Further, higher SPFs, depending on the country it is sold, are not always associated with higher protection of the damaging UVA rays, but only UVB.  While UVB are the more likely to cause painful sunburns, UVA is associated with faster aging of your skin, and more importantly, UVA is associated with increased cancer risk.  Unless there are strong statements of broad spectrum protection, you may actually be better protected by SPF 30.

     2. Use Sunscreen properly.

Sunscreen needs to be applied 30 minutes before you go outside to be effective.   You want it to have some time to soak into your skin and actually begin protecting you.  

As I said above, sunscreen needs to be applied every two hours, don’t forget this.  Sunscreen doesn’t always disappear everywhere at the same rate, so you may not notice parts where you are beginning to burn until it is too late.   Your body will absorb the sunscreen, and it won’t be effective all day.  Sunburns will ruin your trip, it is incredibly hard to sleep on a sunburned back, and you won’t want to move, walk anywhere, or even enjoy the sun.   If you were going to just stay in the hotel, why would you have even gone to Brazil?

You also need to reapply when you sweat or when you get wet.   Water is a natural solvent, and is really good at its job.  If you look at the supposedly “water resistant”, or “sweat proof” sunblocks, they all still recommend you reapply after any situation in which the sunblock may have washed off.  While I do think they are a good idea, they can only do their job so well, so you have to do your part and reapply.
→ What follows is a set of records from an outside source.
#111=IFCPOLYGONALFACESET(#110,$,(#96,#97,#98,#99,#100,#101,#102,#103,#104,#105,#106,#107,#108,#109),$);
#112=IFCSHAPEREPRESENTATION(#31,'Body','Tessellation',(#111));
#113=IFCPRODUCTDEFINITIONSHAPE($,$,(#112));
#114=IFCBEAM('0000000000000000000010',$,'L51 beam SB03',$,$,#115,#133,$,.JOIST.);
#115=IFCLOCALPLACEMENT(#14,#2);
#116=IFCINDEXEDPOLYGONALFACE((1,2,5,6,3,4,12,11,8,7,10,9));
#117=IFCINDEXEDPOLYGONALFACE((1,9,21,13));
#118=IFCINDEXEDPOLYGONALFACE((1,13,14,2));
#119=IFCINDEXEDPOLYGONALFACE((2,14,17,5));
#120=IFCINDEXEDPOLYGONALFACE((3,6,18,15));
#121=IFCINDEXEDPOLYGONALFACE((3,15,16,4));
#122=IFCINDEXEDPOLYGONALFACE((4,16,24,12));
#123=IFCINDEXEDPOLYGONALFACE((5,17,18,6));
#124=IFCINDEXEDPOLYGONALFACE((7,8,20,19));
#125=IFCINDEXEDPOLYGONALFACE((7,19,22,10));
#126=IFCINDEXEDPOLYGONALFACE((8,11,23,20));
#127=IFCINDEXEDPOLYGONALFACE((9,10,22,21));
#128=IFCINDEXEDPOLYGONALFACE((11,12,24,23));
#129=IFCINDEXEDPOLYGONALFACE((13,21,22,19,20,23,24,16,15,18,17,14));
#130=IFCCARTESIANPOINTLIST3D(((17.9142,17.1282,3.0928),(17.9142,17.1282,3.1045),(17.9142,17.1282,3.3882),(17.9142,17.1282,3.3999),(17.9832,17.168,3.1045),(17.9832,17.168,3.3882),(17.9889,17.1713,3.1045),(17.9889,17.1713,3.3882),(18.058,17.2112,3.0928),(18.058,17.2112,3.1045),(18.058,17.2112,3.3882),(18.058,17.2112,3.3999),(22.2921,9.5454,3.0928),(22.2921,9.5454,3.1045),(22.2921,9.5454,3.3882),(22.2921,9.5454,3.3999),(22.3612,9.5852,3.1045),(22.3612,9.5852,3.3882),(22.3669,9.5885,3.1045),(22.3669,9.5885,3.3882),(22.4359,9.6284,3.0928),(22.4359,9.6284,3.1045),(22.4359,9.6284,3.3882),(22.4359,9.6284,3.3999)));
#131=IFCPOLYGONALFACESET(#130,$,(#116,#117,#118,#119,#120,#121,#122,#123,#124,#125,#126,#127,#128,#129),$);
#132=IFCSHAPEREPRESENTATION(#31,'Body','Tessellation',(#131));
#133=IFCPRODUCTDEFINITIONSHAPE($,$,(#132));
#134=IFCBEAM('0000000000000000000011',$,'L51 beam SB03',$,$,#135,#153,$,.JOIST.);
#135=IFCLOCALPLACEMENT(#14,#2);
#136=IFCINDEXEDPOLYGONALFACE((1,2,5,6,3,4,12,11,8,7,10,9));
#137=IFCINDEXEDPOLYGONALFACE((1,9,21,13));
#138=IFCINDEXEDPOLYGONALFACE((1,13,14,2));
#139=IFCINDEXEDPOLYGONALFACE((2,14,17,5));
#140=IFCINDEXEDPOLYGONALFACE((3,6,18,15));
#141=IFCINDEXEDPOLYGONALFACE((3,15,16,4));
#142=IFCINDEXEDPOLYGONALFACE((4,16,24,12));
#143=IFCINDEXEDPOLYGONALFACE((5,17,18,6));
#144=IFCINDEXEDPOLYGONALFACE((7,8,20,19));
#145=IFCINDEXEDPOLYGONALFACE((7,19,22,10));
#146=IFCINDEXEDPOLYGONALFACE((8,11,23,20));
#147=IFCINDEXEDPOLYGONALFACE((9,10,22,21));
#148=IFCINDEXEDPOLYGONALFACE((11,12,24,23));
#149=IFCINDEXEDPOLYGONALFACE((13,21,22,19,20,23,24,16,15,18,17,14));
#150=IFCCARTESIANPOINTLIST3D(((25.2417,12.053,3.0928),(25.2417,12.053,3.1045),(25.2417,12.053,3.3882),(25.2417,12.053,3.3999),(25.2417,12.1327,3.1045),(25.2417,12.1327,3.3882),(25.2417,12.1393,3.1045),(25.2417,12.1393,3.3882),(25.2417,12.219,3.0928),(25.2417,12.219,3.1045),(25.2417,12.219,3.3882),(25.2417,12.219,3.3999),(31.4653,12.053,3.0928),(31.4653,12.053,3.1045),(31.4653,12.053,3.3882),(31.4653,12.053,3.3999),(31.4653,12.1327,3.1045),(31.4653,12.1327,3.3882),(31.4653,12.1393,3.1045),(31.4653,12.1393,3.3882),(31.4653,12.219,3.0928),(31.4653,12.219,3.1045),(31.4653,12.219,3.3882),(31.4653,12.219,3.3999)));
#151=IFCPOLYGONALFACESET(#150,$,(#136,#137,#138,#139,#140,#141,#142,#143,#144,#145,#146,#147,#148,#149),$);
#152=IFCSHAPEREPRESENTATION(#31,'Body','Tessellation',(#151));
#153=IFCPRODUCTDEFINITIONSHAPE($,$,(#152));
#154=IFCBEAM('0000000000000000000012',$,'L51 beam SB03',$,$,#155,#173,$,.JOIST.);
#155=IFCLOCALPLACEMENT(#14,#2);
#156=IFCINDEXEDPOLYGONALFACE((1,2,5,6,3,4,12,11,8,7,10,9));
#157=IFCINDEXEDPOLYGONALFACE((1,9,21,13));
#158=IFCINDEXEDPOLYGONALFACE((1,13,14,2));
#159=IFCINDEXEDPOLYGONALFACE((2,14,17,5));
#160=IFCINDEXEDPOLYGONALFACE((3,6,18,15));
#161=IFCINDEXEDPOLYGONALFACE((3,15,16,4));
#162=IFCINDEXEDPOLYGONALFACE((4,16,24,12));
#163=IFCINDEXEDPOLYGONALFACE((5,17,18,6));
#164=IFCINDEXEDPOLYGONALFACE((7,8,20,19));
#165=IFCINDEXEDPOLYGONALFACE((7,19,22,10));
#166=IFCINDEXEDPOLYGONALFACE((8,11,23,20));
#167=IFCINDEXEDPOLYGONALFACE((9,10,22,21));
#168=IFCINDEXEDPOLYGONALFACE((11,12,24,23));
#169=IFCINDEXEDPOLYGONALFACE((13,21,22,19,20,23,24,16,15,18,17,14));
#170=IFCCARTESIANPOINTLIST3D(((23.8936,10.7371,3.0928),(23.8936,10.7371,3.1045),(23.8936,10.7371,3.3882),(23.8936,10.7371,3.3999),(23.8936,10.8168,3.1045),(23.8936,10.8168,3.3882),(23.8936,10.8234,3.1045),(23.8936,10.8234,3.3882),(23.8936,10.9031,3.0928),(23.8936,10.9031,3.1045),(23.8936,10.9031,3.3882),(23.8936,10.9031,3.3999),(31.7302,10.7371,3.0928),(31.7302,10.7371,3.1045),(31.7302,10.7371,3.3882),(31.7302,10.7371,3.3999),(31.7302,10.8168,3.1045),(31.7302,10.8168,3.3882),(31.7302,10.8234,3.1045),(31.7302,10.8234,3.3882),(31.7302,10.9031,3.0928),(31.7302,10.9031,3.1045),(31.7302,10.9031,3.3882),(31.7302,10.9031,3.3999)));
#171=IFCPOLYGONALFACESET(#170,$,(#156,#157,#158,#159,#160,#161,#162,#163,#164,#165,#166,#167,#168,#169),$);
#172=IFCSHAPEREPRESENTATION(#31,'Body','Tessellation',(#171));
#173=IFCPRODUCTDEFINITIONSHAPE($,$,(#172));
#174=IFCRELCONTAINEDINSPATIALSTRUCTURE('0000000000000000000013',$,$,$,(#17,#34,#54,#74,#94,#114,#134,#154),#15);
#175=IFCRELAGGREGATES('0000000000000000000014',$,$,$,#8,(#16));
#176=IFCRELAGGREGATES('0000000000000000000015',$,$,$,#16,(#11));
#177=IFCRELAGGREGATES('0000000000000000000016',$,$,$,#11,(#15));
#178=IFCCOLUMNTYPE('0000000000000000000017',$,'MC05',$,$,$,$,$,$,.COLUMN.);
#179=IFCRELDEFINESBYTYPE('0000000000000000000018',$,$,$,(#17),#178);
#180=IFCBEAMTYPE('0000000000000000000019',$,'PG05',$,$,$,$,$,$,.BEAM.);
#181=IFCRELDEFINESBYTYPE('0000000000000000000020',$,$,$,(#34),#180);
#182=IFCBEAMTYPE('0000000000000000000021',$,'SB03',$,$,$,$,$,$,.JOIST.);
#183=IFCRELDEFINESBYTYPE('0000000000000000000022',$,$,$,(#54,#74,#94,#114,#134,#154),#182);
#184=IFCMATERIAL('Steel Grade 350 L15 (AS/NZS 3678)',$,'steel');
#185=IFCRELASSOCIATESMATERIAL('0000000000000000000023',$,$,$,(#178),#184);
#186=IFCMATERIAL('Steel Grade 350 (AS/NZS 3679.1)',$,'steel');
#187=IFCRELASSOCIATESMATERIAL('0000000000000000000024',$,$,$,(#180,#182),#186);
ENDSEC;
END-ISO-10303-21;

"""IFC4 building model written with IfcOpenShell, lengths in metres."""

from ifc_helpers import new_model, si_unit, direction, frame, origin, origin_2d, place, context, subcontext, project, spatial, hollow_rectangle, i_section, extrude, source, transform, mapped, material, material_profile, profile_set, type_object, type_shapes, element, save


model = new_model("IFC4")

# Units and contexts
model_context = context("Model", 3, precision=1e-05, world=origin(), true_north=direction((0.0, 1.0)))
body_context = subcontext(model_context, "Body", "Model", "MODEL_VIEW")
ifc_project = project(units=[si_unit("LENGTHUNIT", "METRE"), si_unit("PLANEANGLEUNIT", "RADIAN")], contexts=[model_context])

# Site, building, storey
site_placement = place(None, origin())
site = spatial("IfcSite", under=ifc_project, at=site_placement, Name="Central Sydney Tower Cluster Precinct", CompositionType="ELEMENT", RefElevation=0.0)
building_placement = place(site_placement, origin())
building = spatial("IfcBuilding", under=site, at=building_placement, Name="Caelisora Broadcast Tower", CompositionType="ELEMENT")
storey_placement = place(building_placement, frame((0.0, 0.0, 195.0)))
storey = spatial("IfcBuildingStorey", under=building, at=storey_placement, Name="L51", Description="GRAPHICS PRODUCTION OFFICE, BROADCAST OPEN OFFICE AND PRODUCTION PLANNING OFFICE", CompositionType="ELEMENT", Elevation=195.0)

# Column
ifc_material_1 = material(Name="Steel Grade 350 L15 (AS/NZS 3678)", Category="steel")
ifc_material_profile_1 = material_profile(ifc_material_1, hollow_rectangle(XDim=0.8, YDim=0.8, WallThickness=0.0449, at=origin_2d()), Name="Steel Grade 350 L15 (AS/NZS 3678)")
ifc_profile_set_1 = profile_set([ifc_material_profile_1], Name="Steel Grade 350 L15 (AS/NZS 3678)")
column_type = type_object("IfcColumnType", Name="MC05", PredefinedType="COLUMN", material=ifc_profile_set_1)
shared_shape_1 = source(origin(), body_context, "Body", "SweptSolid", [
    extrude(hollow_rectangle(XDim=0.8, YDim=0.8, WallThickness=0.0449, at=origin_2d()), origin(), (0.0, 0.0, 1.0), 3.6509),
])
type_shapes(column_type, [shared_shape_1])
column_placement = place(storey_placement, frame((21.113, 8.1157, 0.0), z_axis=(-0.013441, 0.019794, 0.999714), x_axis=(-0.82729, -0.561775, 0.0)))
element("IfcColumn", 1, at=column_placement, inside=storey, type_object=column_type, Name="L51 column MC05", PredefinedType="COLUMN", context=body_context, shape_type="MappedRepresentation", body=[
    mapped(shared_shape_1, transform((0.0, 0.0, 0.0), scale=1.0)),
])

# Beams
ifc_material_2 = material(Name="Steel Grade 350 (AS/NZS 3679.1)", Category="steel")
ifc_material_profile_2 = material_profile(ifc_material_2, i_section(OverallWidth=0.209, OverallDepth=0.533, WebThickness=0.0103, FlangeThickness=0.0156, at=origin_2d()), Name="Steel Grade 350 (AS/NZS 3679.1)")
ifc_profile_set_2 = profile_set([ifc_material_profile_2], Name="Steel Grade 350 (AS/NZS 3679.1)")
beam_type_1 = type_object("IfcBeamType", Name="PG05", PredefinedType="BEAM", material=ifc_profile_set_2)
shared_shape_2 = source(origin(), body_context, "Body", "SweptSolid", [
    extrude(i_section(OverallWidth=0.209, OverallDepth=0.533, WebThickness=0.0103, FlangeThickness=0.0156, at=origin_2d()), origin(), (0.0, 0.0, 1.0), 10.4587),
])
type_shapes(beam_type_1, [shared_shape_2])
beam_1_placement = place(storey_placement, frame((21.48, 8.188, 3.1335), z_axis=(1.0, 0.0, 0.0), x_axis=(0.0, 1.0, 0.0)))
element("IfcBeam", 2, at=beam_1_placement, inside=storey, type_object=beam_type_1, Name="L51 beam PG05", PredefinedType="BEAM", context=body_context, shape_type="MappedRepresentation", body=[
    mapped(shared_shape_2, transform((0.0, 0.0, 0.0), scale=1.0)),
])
Remember to use enough sunblock – you want to use about a shot glass full every time you apply it.   

     3. Spray sunscreens

Personally, I like spray sunscreens.   A big drawback is that it is hard to know if i have used enough, but that is why I apply twice as much as I think I need.  However, the main benefit for me, is that I am not a flexible man.   I can’t touch everywhere on my back, and the spray sunscreen at least allows me to know some sunscreen is applied everywhere.   Partial protection is better than none.

Simple tips to remember:

  • Put Sunblock on when you wake up
    • make it part of your morning routine, after you’ve dried from your shower, and gotten dressed. Sunblock is supposed to go on well before you go outside anyways.  
  • Put sunblock on whenever you eat a meal, or start a new event
    • it is easy when you are on vacation to forget the time, so take a few minutes and reapply whenever you do something new.   If you apply it first thing in the morning, after breakfast and lunch, you’ll have captured most of the day.  Assuming you don’t stay in one place the entire time if you apply it whenever you get to a new location, you’ll have covered most of the day.   
  • Put sunscreen on whenever you dry out after feeling wet.   
    • You’re going to a hot and humid climate, you’ll probably go for a swim, or even if you just sit there and soak in the sun, you’ll get sweaty.

The above are all about making sunscreen part of your routine, so you don’t even have to think about it.   You won’t want to worry about the time of day (other than to make sure you reach your reservation), and you won’t want to have your cellphone on you.   Enjoy yourself, and just have this routine.

If you do think about the time, unless you are absolutely sure of the time of your application, round down and reapply 90 minutes after the last time.   Being extra protected is not a problem, and using SPF 30 you won’t break the bank.

     4. Finally, if despite all of the above, you still get a sunburn…

Apply sunblock immediately, and at night apply a sunburn cream.   Sunburns are not like a light switch, there are degrees, and just because you are “already burned” doesn’t mean it can’t get much, much worse.  A minor sunburn is an annoyance, a bad sunburn means you probably won’t sleep well, but a really bad sunburn can lead to hospitalization.

Sorry for the delay in posting this week’s article, WordPress was down over the weekend, and the holidays delayed me a bit further.